Interconnect for mini-cluster: 1 Gigabit or faster
Interconnect from mini-cluster to user workstation (Pre/post): 1 Gigabit

My questions regarding this configurations:

1) I expect the performance of the individual PCs to be limited by memory bandwidth. So it might be a waste of money to go for higher speed CPUs.
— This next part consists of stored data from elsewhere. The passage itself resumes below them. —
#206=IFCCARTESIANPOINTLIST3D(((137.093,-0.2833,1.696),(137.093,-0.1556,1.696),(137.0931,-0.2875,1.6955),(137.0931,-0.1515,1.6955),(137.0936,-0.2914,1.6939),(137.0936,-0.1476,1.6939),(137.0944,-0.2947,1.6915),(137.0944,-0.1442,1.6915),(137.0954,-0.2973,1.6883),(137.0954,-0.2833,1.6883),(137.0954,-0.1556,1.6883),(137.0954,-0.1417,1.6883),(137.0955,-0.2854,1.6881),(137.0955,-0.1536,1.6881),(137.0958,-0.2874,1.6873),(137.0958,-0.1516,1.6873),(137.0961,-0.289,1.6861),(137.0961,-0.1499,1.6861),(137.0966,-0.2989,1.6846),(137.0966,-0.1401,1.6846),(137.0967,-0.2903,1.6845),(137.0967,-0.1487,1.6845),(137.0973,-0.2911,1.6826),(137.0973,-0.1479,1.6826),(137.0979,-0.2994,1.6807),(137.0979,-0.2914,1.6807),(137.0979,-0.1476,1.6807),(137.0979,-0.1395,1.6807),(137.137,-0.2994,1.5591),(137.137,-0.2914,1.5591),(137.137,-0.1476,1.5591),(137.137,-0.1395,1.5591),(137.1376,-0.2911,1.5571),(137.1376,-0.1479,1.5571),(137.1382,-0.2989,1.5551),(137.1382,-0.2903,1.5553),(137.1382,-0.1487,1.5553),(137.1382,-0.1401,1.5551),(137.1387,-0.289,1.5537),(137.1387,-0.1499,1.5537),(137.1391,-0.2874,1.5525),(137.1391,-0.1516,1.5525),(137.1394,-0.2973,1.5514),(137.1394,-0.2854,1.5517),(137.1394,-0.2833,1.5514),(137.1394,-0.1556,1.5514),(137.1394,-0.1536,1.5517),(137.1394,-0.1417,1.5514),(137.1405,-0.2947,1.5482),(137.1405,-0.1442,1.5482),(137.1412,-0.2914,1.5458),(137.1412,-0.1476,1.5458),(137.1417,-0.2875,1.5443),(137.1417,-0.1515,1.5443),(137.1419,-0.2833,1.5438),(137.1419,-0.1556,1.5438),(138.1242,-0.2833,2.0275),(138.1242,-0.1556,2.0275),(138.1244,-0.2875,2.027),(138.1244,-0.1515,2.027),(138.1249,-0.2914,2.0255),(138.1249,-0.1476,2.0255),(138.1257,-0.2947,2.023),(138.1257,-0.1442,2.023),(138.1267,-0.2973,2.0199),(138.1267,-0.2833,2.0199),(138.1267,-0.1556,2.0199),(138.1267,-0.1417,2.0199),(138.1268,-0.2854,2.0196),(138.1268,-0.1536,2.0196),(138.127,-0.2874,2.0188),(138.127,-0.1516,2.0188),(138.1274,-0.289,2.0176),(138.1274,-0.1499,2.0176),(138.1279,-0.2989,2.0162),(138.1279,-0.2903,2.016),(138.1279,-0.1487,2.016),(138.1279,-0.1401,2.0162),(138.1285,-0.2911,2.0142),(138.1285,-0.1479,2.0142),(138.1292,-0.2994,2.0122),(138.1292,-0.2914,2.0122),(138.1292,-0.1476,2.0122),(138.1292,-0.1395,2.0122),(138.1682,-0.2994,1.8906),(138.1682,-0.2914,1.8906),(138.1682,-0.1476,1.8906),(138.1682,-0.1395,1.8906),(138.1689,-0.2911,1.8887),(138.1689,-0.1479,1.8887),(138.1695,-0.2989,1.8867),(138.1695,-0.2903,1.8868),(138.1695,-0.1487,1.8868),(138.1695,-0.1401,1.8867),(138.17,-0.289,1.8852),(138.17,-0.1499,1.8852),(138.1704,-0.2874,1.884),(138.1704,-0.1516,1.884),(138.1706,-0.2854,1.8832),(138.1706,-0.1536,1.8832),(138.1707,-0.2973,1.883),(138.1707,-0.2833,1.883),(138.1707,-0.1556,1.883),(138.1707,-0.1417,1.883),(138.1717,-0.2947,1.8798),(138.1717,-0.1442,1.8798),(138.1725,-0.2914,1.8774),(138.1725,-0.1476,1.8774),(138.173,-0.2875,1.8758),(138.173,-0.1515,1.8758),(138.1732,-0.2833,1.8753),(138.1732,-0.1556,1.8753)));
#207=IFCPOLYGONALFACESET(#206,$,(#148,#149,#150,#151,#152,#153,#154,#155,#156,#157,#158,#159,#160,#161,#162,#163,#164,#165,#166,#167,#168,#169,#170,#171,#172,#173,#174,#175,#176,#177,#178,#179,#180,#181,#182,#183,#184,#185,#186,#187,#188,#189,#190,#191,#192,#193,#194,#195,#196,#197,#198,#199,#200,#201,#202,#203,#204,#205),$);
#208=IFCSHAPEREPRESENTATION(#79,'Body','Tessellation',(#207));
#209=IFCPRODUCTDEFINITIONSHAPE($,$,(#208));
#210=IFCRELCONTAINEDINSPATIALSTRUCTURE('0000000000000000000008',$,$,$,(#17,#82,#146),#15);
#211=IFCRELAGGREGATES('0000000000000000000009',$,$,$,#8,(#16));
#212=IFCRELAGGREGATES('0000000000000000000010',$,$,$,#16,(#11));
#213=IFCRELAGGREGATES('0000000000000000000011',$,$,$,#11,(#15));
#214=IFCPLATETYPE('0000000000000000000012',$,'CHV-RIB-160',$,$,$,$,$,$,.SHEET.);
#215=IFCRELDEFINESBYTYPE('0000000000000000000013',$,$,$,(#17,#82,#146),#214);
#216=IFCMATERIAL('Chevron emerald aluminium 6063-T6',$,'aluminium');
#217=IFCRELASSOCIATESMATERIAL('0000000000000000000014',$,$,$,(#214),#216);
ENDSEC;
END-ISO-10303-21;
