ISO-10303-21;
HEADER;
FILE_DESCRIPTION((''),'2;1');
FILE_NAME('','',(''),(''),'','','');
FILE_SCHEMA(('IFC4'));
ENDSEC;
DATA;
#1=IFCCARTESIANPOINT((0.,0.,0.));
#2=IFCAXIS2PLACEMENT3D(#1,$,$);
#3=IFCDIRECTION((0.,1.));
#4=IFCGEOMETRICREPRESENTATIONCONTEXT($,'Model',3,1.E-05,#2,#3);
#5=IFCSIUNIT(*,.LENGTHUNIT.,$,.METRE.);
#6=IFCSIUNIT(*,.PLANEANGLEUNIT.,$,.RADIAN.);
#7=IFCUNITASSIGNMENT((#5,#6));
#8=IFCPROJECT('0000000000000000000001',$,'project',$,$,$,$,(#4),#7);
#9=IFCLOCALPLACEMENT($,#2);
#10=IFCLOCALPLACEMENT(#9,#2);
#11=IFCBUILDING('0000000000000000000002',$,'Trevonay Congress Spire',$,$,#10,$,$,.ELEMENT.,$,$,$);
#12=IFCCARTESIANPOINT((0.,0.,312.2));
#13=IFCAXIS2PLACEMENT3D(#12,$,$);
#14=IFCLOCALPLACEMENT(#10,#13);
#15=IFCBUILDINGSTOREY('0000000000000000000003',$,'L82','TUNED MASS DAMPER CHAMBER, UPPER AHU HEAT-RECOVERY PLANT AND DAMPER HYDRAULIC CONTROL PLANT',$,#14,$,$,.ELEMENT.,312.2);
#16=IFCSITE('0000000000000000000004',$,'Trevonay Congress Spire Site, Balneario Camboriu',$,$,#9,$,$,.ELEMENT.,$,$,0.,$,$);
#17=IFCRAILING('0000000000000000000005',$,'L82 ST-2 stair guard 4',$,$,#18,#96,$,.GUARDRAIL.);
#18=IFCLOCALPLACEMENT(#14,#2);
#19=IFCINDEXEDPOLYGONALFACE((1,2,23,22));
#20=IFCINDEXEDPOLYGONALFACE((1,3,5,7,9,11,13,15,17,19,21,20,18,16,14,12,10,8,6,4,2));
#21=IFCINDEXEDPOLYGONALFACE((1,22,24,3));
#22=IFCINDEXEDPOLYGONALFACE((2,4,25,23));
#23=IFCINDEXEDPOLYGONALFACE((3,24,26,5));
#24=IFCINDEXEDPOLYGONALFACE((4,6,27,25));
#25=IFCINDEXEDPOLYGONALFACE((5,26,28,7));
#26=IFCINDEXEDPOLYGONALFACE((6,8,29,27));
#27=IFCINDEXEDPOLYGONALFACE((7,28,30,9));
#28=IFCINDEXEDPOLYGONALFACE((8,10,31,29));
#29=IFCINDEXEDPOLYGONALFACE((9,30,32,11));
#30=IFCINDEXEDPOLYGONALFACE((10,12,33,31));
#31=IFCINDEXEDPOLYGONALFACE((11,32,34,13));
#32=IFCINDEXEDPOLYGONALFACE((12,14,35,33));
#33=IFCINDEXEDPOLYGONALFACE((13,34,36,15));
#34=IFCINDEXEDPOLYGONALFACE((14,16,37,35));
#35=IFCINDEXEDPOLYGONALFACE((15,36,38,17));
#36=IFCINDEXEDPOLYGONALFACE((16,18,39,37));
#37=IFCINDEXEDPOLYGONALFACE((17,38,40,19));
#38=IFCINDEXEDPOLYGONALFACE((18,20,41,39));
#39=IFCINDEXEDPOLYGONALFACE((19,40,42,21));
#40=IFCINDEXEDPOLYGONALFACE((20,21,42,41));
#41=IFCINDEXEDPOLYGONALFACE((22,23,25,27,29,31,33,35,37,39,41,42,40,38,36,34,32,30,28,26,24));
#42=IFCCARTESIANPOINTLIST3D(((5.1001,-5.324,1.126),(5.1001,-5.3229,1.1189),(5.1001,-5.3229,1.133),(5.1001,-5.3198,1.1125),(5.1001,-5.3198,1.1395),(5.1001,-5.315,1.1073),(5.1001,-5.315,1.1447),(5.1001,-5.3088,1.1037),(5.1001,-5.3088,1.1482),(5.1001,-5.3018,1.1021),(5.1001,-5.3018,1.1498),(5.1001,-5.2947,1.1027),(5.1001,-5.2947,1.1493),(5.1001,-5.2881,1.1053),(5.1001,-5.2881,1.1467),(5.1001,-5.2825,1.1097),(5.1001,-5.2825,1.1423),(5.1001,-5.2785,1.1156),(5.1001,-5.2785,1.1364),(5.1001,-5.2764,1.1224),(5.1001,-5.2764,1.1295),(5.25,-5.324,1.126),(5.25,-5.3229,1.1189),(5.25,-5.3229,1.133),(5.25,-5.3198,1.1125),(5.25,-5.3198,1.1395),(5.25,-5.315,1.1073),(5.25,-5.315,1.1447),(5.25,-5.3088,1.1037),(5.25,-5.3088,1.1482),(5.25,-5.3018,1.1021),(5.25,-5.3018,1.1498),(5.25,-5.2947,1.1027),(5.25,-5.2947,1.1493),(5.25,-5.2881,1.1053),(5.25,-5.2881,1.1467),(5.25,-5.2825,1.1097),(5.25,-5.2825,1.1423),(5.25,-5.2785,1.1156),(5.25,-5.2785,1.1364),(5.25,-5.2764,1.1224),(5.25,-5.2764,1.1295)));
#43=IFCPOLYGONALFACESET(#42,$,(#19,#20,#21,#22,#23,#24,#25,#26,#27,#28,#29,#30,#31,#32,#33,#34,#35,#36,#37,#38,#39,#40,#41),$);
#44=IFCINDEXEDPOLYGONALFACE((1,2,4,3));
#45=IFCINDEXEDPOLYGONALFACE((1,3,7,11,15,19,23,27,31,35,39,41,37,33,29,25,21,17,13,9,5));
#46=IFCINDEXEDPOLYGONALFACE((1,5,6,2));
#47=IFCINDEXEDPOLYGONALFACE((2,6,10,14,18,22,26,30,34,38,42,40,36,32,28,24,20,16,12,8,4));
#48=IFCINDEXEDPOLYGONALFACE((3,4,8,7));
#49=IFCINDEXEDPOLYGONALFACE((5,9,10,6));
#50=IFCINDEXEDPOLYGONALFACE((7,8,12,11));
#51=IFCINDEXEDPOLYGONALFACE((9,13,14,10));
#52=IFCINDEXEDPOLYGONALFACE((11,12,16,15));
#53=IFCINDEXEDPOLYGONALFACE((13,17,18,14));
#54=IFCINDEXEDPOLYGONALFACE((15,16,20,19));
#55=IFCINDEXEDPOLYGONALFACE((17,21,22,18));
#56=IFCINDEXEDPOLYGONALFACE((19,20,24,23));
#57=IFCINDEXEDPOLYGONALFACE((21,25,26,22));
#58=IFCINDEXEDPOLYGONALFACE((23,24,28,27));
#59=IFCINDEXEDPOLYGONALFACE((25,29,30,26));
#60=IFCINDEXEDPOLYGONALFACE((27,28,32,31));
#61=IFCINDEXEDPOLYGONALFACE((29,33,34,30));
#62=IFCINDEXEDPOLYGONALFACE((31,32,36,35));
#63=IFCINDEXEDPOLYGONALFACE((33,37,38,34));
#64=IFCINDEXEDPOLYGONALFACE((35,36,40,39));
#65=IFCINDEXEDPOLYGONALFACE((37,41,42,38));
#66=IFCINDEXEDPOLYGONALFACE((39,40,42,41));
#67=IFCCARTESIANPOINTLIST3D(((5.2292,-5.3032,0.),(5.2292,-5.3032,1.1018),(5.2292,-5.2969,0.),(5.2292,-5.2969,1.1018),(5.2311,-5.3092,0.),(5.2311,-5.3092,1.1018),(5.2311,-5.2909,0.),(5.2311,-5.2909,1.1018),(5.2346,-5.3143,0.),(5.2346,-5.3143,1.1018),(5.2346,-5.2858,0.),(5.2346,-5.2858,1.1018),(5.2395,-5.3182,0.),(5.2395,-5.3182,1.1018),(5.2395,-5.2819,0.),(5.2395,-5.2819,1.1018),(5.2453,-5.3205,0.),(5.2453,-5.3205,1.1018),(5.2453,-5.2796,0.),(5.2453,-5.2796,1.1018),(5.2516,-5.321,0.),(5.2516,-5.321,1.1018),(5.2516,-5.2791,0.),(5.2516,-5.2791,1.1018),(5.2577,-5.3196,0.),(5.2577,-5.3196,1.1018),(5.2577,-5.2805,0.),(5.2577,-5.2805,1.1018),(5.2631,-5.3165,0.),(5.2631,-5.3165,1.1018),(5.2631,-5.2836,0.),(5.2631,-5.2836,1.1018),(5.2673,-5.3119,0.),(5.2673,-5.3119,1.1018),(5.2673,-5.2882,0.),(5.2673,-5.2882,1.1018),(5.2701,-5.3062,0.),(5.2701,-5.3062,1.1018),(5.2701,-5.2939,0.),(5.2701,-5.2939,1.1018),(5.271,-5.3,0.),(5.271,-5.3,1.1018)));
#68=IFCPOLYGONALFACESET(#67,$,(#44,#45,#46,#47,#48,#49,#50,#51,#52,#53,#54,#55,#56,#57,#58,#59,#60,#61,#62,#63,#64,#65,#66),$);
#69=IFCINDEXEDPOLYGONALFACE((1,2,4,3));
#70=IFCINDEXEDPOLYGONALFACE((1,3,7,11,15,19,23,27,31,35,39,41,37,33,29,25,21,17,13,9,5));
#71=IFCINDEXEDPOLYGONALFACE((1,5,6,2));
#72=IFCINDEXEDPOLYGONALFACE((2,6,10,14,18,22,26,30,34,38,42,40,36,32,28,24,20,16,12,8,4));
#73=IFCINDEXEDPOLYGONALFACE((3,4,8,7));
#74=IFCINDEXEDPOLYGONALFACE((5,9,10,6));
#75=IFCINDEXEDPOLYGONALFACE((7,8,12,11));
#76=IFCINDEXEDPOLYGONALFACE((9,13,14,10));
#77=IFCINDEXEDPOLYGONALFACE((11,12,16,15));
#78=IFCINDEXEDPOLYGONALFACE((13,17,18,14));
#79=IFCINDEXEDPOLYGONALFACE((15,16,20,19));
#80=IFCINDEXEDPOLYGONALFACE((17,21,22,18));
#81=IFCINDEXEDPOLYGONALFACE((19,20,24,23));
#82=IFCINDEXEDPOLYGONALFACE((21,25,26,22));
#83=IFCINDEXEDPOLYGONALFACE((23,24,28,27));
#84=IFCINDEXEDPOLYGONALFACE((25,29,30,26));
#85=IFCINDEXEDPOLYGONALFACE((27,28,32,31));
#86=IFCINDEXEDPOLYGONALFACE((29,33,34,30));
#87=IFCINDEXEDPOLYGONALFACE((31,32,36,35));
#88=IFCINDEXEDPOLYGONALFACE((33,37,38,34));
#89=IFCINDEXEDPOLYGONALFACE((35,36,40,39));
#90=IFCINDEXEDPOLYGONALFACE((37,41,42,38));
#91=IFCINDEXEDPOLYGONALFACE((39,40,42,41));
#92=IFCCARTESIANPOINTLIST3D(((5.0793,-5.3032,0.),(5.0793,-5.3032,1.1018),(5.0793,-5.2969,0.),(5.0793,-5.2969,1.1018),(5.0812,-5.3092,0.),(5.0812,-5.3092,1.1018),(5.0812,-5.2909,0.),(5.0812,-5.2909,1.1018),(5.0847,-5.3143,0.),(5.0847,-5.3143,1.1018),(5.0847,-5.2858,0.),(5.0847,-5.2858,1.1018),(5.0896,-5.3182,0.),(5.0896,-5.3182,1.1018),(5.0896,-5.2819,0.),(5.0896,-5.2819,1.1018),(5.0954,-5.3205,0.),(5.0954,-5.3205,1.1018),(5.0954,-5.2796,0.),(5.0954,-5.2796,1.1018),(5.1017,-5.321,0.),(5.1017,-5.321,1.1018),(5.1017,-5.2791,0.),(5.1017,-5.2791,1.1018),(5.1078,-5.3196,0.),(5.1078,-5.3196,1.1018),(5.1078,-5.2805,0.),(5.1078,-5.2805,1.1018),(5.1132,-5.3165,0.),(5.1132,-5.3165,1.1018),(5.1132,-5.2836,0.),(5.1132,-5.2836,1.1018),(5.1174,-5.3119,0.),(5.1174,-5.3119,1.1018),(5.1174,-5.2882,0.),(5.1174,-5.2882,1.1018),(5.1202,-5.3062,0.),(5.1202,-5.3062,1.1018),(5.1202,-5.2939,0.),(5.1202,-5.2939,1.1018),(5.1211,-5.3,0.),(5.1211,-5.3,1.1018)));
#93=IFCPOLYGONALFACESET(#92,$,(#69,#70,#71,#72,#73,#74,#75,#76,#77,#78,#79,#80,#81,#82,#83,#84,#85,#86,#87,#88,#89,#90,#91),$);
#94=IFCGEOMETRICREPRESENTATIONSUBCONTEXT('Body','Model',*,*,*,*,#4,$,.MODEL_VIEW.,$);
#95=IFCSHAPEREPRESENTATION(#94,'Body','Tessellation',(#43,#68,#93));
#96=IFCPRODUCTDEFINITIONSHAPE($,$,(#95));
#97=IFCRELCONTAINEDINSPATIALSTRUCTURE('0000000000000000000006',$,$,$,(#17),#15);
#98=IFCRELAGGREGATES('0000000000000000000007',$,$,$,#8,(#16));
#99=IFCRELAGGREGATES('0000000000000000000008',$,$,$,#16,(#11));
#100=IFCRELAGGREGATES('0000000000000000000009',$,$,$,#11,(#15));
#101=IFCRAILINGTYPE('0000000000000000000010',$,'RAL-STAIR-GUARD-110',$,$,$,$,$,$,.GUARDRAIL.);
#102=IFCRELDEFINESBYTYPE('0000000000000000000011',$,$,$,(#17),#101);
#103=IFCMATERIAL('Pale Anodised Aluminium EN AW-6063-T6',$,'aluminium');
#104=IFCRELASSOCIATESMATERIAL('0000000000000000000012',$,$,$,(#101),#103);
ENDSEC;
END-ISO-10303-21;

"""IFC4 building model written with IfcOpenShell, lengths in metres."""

from ifc_helpers import new_model, si_unit, direction, frame, origin, origin_2d, place, context, subcontext, project, spatial, circle, extrude, material, type_object, element, save


model = new_model("IFC4")

# Units and contexts
model_context = context("Model", 3, precision=1e-05, world=origin(), true_north=direction((0.0, 1.0)))
body_context = subcontext(model_context, "Body", "Model", "MODEL_VIEW")
ifc_project = project(units=[si_unit("LENGTHUNIT", "METRE"), si_unit("PLANEANGLEUNIT", "RADIAN")], contexts=[model_context])

# Site, building, storey
site_placement = place(None, origin())
site = spatial("IfcSite", under=ifc_project, at=site_placement, Name="Trevonay Congress Spire Site, Balneario Camboriu", CompositionType="ELEMENT", RefElevation=0.0)
building_placement = place(site_placement, origin())
building = spatial("IfcBuilding", under=site, at=building_placement, Name="Trevonay Congress Spire", CompositionType="ELEMENT")
storey_placement = place(building_placement, frame((0.0, 0.0, 312.2)))
storey = spatial("IfcBuildingStorey", under=building, at=storey_placement, Name="L82", Description="TUNED MASS DAMPER CHAMBER, UPPER AHU HEAT-RECOVERY PLANT AND DAMPER HYDRAULIC CONTROL PLANT", CompositionType="ELEMENT", Elevation=312.2)

# Shared definitions
ifc_material_1 = material(Name="Pale Anodised Aluminium EN AW-6063-T6", Category="aluminium")

# Railing
railing_type_1 = type_object("IfcRailingType", Name="RAL-STAIR-GUARD-110", PredefinedType="GUARDRAIL", material=ifc_material_1)
railing_1_placement = place(storey_placement, frame((5.25, -5.3, 0.0)))
element("IfcRailing", 1, at=railing_1_placement, inside=storey, type_object=railing_type_1, Name="L82 ST-2 stair guard 4", PredefinedType="GUARDRAIL", context=body_context, shape_type="SweptSolid", body=[
    extrude(circle(Radius=0.0239, at=origin_2d()), frame((0.0, 0.0, 1.126), z_axis=(-1.0, 0.0, 0.0), x_axis=(0.0, -1.0, 0.0)), (0.0, 0.0, 1.0), 0.1499),
    extrude(circle(Radius=0.021, at=origin_2d()), origin(), (0.0, 0.0, 1.0), 1.1018),
    extrude(circle(Radius=0.021, at=origin_2d()), frame((-0.1499, 0.0, 0.0)), (0.0, 0.0, 1.0), 1.1018),
])

save(model, "model.ifc")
But which CPU fits the available memory bandwidth: E5-2690, 2687W, 2680, 2670, 2667, 2665 or 2660?
I can tell their SPECfp_rate from: http://www.spec.org/cpu2006/results/rfp2006.html
- but that might not tell what their performance is in practice if memory bandwidth is the bottle neck?

2) My ANSYS reseller has done the attached performance benchmark on a similar system. The decrease in scaling from 16 to 32 cores indicate that the applied 1 Gigabit cluster interface is limitting the performance. Thus I would like to know how fast (transfer rate and latency) an interconnect I need to have full scaling from 16-32 cores. I guess if the speed of the interconnect resemples that of the RAM, then increased speed would not gain performance? Anyone who has experience on this or can refer to results?

3) How fast disks would you recommend? Currently I am running SSD, which still takes a few minutes to load a large case i CFX-pre. But I dont know if this is disk speed limited. My plan so far is 1 TB 10,000 rpm disks in RAID 0. Pre/post will be running on local workstation (1 Gigabit connection) but using the files on the cluster.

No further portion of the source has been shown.